Wohlen-Präsident André Richner.

Die Coronakrise ist zwar noch nicht überwunden, aber immerhin wird wieder Fussball gespielt und Fans sind wieder zugelassen. Die Krise haben beide Vereine überstanden – trotz wirtschaftlicher Schwierigkeiten. «Dank grosser Solidarität unserer Sponsoren kamen wir besser über die Runden als zunächst gedacht», sagt Heinz Gassmann. Sein Pendant in Wohlen spricht derweil von einem «finanziellen Handstand», den es in dieser Phase gebraucht habe.

Baden-Präsident Heinz Gassmann.

Baden-Präsident Heinz Gassmann.

Der von Bauchschmerzen geplagte Jent

Und wer wird eigentlich das Spiel gewinnen? Die beiden Präsidenten zeigen sich selbstverständlich optimistisch und tippen jeweils auf einen knappen Sieg ihrer Mannschaft. Die beiden Trainer, die je auch schon beim Gegner an der Seitenlinie gestanden haben, tippen nicht. «Wir reden nach dem Spiel», sagt Thomas Jent und lacht.

Zum Lachen ist es aber für Jent nicht immer. Er habe Bauchschmerzen, sagt er. Diese bereiten ihm seine Spieler. Nicht, weil sie schlecht sind – im Gegenteil. Jede Woche muss er wieder aufs Neue entscheiden, welche Akteure nicht im Aufgebot stehen und das, obwohl sie das Niveau auch hätten. Er spricht von einem «Stich ins Herz», wenn er diesen Spielern nach dem Abschlusstraining sagen muss, dass sie nicht spielen. Bevor er die Aufstellung mache, gehe er in der Nacht davor «durch die Hölle», weil ja nur elf Spieler aufs Feld können und er sich den Kopf zerbrechen muss, welche das sein werden.

Luxusprobleme

Auch Ranko Jakovljevic sagt, er habe nicht elf, sondern zwanzig gute Spieler im Kader. Auch er muss Woche für Woche einige seiner Schützlinge darüber informieren, dass sie nicht im Kader sind oder nur auf der Bank sitzen. Eigentlich ein Luxusproblem.
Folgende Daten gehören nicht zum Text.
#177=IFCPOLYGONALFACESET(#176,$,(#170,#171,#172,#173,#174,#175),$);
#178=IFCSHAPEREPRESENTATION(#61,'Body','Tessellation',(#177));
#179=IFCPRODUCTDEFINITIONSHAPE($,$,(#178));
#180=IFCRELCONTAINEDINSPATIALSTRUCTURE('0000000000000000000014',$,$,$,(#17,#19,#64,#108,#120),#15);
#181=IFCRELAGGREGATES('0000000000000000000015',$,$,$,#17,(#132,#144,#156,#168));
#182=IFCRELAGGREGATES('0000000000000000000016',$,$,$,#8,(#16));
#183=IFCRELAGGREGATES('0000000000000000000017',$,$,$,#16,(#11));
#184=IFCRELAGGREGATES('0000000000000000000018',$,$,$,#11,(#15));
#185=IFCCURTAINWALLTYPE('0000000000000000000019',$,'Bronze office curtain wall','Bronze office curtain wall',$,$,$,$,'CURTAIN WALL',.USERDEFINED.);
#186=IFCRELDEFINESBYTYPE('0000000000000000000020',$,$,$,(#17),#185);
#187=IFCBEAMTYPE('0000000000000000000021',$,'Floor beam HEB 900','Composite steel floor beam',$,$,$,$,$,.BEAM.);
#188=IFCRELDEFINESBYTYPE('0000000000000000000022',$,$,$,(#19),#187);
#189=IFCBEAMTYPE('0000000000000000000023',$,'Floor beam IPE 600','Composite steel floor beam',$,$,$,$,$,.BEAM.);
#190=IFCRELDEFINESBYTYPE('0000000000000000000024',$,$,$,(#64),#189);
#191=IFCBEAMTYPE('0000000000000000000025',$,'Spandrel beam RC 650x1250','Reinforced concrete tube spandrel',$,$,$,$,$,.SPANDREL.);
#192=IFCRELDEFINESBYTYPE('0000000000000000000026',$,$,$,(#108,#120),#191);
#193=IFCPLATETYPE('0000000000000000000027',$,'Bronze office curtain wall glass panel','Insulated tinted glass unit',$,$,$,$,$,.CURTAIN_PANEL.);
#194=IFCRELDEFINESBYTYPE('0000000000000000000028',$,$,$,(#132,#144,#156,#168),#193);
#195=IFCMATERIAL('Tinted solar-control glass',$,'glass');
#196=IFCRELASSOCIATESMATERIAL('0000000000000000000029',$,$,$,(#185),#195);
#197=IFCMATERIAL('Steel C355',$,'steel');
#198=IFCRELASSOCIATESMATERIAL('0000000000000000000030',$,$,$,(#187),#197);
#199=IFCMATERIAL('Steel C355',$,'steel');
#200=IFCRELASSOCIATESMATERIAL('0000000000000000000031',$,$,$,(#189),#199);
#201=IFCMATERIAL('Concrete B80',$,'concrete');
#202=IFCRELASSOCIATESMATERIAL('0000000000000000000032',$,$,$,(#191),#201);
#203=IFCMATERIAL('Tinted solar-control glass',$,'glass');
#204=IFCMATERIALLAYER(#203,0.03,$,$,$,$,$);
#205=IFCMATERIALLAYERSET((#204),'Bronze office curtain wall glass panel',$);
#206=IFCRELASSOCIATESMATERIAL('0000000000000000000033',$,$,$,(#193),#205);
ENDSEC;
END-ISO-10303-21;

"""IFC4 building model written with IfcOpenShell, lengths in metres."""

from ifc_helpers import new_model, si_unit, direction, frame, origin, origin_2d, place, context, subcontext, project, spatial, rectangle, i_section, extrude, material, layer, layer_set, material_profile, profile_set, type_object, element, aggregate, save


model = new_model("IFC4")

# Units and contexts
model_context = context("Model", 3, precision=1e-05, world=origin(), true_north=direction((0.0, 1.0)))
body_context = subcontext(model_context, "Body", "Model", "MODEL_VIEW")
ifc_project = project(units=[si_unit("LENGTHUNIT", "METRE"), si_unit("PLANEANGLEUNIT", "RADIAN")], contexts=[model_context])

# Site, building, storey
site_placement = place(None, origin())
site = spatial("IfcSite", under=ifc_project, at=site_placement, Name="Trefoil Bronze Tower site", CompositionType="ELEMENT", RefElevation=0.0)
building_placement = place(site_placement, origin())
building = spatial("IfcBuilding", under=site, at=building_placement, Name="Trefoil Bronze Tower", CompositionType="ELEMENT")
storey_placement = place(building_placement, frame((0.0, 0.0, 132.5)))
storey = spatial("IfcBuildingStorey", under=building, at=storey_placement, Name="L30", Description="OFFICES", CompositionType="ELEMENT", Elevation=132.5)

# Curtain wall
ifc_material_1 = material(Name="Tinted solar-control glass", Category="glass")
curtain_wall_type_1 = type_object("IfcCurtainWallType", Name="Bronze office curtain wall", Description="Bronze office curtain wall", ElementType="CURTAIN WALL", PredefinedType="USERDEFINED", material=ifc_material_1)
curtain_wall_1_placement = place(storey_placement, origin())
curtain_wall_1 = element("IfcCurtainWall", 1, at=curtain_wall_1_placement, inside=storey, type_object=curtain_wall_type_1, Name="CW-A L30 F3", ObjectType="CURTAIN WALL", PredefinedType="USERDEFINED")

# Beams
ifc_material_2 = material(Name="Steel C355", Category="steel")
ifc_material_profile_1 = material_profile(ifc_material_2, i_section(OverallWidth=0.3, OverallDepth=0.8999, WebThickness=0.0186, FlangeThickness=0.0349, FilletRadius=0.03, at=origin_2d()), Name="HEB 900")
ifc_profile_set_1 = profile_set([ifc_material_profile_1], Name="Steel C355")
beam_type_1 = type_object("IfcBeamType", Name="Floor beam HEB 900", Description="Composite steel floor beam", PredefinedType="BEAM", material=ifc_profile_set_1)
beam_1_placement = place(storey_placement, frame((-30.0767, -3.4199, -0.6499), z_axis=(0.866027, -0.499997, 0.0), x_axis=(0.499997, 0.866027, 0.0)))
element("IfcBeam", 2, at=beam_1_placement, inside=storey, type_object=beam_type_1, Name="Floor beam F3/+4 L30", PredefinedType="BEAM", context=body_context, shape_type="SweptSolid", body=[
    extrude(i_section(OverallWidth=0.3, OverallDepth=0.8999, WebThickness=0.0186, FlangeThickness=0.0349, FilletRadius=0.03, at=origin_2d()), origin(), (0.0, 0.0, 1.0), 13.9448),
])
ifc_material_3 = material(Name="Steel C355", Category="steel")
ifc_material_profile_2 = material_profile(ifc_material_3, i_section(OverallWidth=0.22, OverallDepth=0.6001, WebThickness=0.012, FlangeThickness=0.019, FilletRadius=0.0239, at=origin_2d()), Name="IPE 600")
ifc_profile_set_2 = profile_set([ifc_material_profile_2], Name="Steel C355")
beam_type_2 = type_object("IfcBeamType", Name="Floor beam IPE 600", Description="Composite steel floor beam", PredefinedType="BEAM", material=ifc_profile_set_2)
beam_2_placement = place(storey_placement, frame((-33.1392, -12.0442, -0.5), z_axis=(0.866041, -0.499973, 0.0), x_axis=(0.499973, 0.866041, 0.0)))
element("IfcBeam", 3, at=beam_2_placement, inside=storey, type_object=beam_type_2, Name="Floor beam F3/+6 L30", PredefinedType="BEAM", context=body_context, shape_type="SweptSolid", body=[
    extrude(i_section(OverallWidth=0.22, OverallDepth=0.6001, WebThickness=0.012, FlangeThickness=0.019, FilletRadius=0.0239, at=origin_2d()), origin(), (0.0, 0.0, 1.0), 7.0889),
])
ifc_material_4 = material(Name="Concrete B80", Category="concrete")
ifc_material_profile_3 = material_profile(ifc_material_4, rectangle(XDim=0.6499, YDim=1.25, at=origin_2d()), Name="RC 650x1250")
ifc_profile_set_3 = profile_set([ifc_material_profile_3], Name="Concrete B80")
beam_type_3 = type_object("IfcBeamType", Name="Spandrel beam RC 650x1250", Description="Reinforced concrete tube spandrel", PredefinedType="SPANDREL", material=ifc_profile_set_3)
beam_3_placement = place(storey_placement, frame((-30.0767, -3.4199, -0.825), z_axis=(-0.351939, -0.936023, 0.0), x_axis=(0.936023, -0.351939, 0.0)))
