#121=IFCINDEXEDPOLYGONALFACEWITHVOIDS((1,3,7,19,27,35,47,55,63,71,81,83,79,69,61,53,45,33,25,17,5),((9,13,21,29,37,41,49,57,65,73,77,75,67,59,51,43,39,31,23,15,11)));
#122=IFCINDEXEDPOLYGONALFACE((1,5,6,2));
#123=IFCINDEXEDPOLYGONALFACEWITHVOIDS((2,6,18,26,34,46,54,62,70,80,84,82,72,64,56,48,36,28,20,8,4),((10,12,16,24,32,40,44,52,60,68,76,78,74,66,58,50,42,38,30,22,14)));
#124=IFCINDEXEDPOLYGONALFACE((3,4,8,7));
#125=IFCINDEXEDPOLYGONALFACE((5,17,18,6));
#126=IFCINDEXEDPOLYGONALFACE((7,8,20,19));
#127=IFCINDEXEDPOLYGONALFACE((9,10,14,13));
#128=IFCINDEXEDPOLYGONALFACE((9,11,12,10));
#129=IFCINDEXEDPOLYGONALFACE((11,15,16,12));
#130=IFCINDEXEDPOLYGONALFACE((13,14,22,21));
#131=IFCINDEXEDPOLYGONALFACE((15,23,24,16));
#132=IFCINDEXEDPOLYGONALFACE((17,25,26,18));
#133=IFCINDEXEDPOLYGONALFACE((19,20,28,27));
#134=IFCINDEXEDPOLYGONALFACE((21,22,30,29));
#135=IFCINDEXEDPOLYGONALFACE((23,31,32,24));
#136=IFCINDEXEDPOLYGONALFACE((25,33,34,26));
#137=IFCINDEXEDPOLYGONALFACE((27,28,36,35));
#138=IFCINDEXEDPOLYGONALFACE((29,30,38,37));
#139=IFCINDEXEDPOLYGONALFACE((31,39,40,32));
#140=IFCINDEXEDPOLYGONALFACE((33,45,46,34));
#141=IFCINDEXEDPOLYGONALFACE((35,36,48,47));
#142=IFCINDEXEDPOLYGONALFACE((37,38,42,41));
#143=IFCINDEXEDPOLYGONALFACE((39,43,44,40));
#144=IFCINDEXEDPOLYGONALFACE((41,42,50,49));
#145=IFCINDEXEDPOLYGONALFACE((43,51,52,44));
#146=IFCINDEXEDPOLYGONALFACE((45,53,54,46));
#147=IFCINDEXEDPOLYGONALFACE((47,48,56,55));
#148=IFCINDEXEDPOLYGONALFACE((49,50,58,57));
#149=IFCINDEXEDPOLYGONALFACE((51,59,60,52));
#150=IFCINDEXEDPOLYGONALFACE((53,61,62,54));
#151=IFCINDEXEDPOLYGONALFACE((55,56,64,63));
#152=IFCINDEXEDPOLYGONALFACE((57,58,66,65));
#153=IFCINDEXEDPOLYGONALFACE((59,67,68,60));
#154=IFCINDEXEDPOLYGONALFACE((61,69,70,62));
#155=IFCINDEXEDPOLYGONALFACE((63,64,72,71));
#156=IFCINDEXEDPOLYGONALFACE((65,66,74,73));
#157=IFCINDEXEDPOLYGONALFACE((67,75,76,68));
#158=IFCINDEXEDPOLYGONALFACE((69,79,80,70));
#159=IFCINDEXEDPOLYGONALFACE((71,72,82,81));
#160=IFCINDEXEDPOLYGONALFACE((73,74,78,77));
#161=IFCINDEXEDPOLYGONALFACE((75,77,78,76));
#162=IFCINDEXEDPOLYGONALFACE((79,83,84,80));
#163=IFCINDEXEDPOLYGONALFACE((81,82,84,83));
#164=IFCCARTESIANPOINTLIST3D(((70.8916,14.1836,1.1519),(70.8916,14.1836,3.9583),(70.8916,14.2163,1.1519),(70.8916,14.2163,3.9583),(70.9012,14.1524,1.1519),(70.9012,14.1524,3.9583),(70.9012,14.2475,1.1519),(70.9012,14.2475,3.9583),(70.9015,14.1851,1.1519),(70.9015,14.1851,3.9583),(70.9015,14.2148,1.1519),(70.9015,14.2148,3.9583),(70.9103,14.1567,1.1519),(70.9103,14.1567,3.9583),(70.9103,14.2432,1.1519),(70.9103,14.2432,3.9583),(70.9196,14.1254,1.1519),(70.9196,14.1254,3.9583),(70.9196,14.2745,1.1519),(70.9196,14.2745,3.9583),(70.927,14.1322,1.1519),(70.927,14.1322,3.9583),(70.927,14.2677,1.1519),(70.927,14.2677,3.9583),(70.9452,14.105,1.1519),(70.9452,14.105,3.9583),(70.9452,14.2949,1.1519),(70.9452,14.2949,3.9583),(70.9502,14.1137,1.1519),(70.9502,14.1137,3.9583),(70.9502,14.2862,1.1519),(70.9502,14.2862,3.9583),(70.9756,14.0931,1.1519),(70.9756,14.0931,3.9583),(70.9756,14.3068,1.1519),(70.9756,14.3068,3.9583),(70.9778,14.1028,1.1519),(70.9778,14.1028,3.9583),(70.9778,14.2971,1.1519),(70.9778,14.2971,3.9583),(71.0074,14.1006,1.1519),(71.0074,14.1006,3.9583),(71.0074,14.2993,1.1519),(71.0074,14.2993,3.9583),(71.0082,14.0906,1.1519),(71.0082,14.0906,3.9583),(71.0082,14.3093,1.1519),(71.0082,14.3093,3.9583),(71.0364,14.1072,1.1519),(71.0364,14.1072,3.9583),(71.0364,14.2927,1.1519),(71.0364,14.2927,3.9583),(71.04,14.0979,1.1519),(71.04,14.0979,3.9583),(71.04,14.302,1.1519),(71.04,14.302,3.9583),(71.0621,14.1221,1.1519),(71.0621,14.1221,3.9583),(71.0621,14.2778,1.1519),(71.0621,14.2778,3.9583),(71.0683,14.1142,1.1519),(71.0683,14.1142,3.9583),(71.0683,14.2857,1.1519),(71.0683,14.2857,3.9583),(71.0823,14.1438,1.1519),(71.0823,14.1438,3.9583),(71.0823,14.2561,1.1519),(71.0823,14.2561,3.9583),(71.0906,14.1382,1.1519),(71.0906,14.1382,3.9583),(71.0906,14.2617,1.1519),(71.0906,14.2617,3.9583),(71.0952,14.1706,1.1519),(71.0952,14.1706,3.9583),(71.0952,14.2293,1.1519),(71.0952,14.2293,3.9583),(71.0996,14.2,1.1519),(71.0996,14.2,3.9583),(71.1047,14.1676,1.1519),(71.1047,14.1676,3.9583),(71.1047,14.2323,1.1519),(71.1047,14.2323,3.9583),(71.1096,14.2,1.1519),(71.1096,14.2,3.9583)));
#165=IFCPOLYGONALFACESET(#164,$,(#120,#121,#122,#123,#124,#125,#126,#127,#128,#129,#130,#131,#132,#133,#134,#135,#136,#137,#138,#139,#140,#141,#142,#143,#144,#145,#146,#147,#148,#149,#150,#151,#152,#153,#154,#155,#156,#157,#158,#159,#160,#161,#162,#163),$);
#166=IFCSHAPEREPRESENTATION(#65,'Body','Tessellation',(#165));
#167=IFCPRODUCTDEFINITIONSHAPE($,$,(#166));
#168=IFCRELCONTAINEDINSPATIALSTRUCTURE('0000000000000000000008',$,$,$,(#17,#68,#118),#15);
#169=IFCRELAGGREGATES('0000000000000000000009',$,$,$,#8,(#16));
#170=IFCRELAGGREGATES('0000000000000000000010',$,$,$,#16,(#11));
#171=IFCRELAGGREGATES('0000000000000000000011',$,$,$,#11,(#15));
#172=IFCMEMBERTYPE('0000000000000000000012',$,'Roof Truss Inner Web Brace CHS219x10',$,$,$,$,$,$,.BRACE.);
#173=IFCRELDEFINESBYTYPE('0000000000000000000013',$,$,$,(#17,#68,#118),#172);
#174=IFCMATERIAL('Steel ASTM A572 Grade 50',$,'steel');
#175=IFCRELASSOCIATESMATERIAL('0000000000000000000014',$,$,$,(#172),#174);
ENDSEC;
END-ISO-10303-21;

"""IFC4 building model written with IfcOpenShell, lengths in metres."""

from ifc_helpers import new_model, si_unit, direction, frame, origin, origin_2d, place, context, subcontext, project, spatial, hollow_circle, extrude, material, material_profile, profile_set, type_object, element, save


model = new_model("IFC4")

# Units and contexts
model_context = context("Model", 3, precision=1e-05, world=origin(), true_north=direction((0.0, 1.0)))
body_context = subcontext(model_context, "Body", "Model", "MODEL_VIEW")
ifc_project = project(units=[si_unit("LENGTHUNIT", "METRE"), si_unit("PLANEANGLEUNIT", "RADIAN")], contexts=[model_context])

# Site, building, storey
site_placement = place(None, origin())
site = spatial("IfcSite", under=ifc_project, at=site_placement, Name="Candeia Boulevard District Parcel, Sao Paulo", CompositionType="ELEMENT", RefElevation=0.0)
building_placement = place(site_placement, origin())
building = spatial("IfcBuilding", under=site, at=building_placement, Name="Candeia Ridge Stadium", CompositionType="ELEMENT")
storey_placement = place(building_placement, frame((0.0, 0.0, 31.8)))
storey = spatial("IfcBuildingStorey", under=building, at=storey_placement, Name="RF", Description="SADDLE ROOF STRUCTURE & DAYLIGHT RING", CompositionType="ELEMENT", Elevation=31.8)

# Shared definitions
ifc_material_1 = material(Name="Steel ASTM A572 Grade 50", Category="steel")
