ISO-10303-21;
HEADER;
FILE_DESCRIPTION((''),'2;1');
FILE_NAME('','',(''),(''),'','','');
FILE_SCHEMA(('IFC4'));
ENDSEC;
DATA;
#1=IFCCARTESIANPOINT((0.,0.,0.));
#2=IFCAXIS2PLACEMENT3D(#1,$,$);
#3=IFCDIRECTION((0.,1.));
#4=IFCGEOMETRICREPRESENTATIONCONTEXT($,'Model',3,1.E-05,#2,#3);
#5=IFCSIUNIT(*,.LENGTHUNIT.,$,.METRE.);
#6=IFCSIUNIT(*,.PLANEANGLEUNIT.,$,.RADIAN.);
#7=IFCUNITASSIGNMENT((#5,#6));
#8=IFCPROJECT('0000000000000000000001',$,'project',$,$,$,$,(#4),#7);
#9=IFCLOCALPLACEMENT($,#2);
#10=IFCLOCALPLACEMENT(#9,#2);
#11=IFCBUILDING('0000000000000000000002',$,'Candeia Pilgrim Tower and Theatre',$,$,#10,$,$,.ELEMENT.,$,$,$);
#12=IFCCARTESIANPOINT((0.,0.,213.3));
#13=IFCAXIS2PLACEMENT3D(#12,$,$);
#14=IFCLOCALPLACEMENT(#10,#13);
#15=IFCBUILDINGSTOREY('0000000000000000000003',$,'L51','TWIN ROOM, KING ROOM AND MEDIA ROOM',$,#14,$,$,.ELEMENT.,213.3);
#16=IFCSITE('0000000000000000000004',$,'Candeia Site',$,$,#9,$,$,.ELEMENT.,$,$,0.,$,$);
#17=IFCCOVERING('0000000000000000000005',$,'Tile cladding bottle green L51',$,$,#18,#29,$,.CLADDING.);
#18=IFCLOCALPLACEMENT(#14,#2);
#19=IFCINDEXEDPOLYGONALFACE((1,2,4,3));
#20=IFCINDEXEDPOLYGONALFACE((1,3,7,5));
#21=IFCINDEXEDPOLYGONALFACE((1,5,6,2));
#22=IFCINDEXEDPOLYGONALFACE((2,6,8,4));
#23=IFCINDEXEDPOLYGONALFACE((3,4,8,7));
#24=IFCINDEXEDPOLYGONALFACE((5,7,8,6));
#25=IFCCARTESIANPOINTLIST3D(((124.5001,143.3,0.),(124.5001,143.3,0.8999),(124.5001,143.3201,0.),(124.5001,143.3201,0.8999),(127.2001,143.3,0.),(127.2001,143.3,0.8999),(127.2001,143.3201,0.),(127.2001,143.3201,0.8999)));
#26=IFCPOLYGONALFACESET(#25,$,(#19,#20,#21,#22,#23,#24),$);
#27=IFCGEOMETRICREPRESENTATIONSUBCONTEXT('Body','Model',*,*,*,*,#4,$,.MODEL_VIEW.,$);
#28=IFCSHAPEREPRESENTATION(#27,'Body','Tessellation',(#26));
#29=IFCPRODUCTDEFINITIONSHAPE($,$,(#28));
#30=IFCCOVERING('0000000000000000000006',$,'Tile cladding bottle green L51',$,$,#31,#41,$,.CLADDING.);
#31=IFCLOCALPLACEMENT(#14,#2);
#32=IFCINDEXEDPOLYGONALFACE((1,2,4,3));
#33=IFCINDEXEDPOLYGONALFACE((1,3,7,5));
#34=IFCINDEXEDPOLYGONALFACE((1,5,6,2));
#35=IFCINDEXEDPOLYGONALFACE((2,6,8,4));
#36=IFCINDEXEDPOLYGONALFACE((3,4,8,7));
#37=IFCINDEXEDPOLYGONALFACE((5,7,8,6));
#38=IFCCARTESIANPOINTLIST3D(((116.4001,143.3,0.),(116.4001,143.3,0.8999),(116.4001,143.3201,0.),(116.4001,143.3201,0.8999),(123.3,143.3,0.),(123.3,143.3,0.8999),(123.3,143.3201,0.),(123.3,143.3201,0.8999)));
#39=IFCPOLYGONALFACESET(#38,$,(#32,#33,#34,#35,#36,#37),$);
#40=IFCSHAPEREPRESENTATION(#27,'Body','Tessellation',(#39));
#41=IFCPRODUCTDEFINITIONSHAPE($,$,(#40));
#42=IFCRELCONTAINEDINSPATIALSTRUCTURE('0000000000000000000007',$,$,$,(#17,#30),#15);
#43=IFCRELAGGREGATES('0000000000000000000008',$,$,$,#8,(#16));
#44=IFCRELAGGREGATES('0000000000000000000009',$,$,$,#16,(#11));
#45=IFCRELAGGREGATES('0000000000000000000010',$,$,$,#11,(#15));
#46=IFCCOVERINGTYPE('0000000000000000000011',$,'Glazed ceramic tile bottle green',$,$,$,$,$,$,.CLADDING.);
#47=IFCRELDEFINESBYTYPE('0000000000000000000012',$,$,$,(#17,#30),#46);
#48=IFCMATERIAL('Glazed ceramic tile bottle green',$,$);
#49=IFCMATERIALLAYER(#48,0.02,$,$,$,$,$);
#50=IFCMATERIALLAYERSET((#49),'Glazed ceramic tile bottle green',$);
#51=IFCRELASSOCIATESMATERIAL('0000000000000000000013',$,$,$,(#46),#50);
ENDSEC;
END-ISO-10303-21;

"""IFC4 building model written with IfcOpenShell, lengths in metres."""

from ifc_helpers import new_model, si_unit, direction, frame, origin, origin_2d, place, context, subcontext, project, spatial, rectangle, extrude, material, layer, layer_set, type_object, element, save


model = new_model("IFC4")

# Units and contexts
model_context = context("Model", 3, precision=1e-05, world=origin(), true_north=direction((0.0, 1.0)))
body_context = subcontext(model_context, "Body", "Model", "MODEL_VIEW")
ifc_project = project(units=[si_unit("LENGTHUNIT", "METRE"), si_unit("PLANEANGLEUNIT", "RADIAN")], contexts=[model_context])

# Site, building, storey
site_placement = place(None, origin())
site = spatial("IfcSite", under=ifc_project, at=site_placement, Name="Candeia Site", CompositionType="ELEMENT", RefElevation=0.0)
building_placement = place(site_placement, origin())
building = spatial("IfcBuilding", under=site, at=building_placement, Name="Candeia Pilgrim Tower and Theatre", CompositionType="ELEMENT")
storey_placement = place(building_placement, frame((0.0, 0.0, 213.3)))
storey = spatial("IfcBuildingStorey", under=building, at=storey_placement, Name="L51", Description="TWIN ROOM, KING ROOM AND MEDIA ROOM", CompositionType="ELEMENT", Elevation=213.3)

# Coverings
ifc_material_1 = material(Name="Glazed ceramic tile bottle green")
ifc_layer_1 = layer(ifc_material_1, 0.02)
ifc_layer_set_1 = layer_set([ifc_layer_1], Name="Glazed ceramic tile bottle green")
covering_type = type_object("IfcCoveringType", Name="Glazed ceramic tile bottle green", PredefinedType="CLADDING", material=ifc_layer_set_1)
covering_1_placement = place(storey_placement, frame((125.8501, 143.3101, 0.0), z_axis=(0.0, 0.0, 1.0), x_axis=(-1.0, 0.0, 0.0)))
element("IfcCovering", 1, at=covering_1_placement, inside=storey, type_object=covering_type, Name="Tile cladding bottle green L51", PredefinedType="CLADDING", context=body_context, shape_type="SweptSolid", body=[
    extrude(rectangle(XDim=2.7, YDim=0.02, at=origin_2d()), origin(), (0.0, 0.0, 1.0), 0.8999),
])
covering_2_placement = place(storey_placement, frame((119.8501, 143.3101, 0.0), z_axis=(0.0, 0.0, 1.0), x_axis=(-1.0, 0.0, 0.0)))
element("IfcCovering", 2, at=covering_2_placement, inside=storey, type_object=covering_type, Name="Tile cladding bottle green L51", PredefinedType="CLADDING", context=body_context, shape_type="SweptSolid", body=[
    extrude(rectangle(XDim=6.8999, YDim=0.02, at=origin_2d()), origin(), (0.0, 0.0, 1.0), 0.8999),
])

save(model, "model.ifc")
Jent freut sich über seine Rückkehr ins Esp, an seine alte Wirkungsstätte. Er habe trotz späterer Entlassung eine gute Zeit gehabt in Baden und freut sich darauf, die Leute in Baden wieder einmal zu sehen und mit seinen ehemaligen Spielern über Gott und die Welt zu sprechen. Pure Vorfreude eben. Trotz Bauchweh.